As he watched her moist lips embrace the straw plunged deep into fresh papaya juice, he could only be thankful she hadn’t agreed to champagne. He needed a clear head and all his sternest resolve if this apparently innocent meeting in a club was going to remain the safe side of sin.
CHAPTER SEVEN
‘TELL me something about your family, Casey …’
‘My family?’ Casey’s throat constricted as Raffa leaned towards her. Was her family being considered for the job now? She made herself calm down by reasoning that this was a perfectly acceptable question for an employer to ask. It was by no means unique, and it allowed Raffa to paint a clearer picture of who she was. But still …
‘We’re nothing special.’
‘Nothing special?’ Raffa frowned, his dark eyes glinting in the discreet lighting. ‘Why don’t you let me be the judge of that?’
‘I’m sure you’d find us terribly boring.’
‘And I’m equally sure I won’t …’ As he spoke Raffa straightened up and put his hands flat on the table, where the delicious entrées they had ordered lay largely untouched.
They had a lot to say to each other, Casey reflected, except when it came to their private lives; then both of them clammed up. But she didn’t have the option of holding out on him if she wanted this job. ‘You’ve read my file—’
‘So I know a lot about you on paper,’ he countered. ‘But I want you to tell me. My intention in bringing you here to A’Qaban is to go way beyond the printed page, Casey. I need to know you.’
‘I understand …’
‘And I understand that your parents’ job is a little unusual,’ he said in a reassuring voice. ‘So don’t feel embarrassed.’
‘I’m not …’ His hard mouth had softened fractionally, she noticed, and there was genuine warmth in his eyes.
‘Why don’t you tell me about them?’
‘I’m okay with their work,’ she admitted, hearing in her voice that she had made it sound like a lie.
‘Expand a little,’ Raffa encouraged, pouring a glass of water for her.

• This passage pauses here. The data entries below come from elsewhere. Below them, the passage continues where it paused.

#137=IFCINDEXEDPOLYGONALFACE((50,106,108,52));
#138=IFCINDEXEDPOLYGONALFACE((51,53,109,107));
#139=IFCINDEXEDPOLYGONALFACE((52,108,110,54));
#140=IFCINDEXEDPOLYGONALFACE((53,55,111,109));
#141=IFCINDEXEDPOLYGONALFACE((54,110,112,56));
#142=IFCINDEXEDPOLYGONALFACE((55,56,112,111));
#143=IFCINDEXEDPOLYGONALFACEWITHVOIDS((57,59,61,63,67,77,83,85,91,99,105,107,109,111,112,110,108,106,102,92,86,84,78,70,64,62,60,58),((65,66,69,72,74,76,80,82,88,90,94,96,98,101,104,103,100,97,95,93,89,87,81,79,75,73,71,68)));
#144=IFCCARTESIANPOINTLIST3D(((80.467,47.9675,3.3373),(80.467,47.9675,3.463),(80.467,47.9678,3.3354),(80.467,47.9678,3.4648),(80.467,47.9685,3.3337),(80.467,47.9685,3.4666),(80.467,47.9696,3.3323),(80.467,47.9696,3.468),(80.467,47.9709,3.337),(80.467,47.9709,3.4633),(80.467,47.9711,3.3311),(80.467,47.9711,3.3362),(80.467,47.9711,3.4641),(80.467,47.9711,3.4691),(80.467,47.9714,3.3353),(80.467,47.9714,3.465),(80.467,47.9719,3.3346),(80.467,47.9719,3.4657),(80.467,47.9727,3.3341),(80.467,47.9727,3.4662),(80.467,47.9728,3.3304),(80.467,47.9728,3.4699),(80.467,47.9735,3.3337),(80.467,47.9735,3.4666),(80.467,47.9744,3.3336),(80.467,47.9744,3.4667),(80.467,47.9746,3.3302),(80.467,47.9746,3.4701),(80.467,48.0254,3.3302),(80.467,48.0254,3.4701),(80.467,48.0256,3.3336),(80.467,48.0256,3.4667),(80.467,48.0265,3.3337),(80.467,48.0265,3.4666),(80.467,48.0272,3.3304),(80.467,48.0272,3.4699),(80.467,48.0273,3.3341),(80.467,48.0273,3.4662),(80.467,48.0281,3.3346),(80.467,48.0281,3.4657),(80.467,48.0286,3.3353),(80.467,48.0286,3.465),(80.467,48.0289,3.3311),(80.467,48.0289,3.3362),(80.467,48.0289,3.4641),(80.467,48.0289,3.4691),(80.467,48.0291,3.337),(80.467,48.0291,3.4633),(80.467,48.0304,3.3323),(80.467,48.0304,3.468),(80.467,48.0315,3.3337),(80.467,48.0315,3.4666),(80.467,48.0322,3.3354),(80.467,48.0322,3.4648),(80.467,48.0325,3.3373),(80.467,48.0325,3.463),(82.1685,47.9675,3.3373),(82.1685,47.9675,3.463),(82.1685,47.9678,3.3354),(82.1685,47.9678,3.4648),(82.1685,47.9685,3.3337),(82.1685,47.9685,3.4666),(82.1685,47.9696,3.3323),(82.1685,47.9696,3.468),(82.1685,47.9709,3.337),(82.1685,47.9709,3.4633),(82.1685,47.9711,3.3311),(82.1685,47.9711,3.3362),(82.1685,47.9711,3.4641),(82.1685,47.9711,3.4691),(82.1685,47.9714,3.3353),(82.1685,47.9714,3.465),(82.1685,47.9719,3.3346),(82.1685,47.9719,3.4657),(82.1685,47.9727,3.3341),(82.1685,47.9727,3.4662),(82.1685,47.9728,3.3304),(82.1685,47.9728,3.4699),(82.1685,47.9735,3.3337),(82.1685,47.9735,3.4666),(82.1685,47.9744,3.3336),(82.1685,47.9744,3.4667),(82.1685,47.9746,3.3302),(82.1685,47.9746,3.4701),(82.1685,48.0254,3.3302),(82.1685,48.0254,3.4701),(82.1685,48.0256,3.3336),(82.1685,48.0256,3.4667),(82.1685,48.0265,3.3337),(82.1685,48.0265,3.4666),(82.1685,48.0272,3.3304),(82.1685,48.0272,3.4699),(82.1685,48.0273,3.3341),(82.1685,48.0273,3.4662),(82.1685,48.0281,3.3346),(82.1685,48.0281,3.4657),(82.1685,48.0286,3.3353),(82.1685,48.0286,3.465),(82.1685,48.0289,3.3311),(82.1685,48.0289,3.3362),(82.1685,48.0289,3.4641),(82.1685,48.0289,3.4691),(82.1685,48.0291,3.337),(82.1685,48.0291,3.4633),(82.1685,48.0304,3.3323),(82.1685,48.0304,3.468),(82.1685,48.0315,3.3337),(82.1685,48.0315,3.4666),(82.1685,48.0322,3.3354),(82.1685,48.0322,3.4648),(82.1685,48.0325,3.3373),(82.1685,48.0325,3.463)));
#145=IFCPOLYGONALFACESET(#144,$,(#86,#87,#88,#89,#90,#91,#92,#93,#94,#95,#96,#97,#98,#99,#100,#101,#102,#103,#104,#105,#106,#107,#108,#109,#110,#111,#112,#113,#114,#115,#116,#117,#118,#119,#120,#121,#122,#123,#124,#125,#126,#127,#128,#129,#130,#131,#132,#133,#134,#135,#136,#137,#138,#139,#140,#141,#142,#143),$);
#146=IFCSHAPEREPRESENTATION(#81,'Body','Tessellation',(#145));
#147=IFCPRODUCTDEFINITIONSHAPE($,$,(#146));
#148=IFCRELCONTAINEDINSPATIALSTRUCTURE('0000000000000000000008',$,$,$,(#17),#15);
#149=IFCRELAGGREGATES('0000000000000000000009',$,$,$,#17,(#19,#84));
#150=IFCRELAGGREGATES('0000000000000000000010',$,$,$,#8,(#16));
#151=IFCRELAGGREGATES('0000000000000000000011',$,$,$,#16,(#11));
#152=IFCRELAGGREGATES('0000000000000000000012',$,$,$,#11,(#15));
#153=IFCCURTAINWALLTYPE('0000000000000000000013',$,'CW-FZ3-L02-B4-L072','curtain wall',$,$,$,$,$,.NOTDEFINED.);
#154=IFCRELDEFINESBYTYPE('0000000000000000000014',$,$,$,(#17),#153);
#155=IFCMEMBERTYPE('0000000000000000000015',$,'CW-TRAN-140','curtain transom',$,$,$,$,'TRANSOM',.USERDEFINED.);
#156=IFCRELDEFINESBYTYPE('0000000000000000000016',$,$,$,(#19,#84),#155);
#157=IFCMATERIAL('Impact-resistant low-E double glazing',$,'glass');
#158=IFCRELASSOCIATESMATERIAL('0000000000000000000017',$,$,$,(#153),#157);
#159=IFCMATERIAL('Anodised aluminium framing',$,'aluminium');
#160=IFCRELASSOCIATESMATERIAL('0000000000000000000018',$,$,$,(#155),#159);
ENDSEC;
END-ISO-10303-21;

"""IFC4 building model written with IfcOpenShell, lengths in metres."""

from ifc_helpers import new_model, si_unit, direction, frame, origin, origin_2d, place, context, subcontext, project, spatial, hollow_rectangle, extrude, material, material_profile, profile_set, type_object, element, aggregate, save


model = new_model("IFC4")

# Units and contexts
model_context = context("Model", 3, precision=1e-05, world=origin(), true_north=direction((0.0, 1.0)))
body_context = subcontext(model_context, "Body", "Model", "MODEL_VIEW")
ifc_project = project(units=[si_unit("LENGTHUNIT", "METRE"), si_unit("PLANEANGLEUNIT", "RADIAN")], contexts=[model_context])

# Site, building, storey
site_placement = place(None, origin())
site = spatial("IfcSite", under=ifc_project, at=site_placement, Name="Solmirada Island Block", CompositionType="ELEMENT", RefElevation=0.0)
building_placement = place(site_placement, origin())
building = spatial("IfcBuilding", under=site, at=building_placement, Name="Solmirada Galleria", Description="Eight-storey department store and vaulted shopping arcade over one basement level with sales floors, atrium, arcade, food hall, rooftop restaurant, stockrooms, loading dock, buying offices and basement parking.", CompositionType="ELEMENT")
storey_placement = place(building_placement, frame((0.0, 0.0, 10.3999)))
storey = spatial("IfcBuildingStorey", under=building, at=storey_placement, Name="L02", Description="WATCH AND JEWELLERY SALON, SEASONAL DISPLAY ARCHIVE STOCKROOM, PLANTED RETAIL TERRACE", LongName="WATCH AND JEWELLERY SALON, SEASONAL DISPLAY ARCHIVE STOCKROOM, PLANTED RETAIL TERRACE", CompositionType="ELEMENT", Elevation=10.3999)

How much did he want to know? She had never discussed her parents’ work with anyone outside the family before. How could she, when she could never take a man home to ‘meet the family’, knowing that any boyfriend would only end up as a lab rat to be quizzed and evaluated by her sex therapist parents before being added to their latest batch of trial statistics.
‘Do you know my parents’ work?’
‘I know their work well,’ he said, as casually as if her parents ran a market garden. ‘They’re world-renowned academics; it would be hard not to.’
He wasn’t mocking her, as so many others had. He was genuinely interested, she realised.
‘I never forget we are all products of our background, to some extent, and so it’s only natural for me to be curious about your formative influences.’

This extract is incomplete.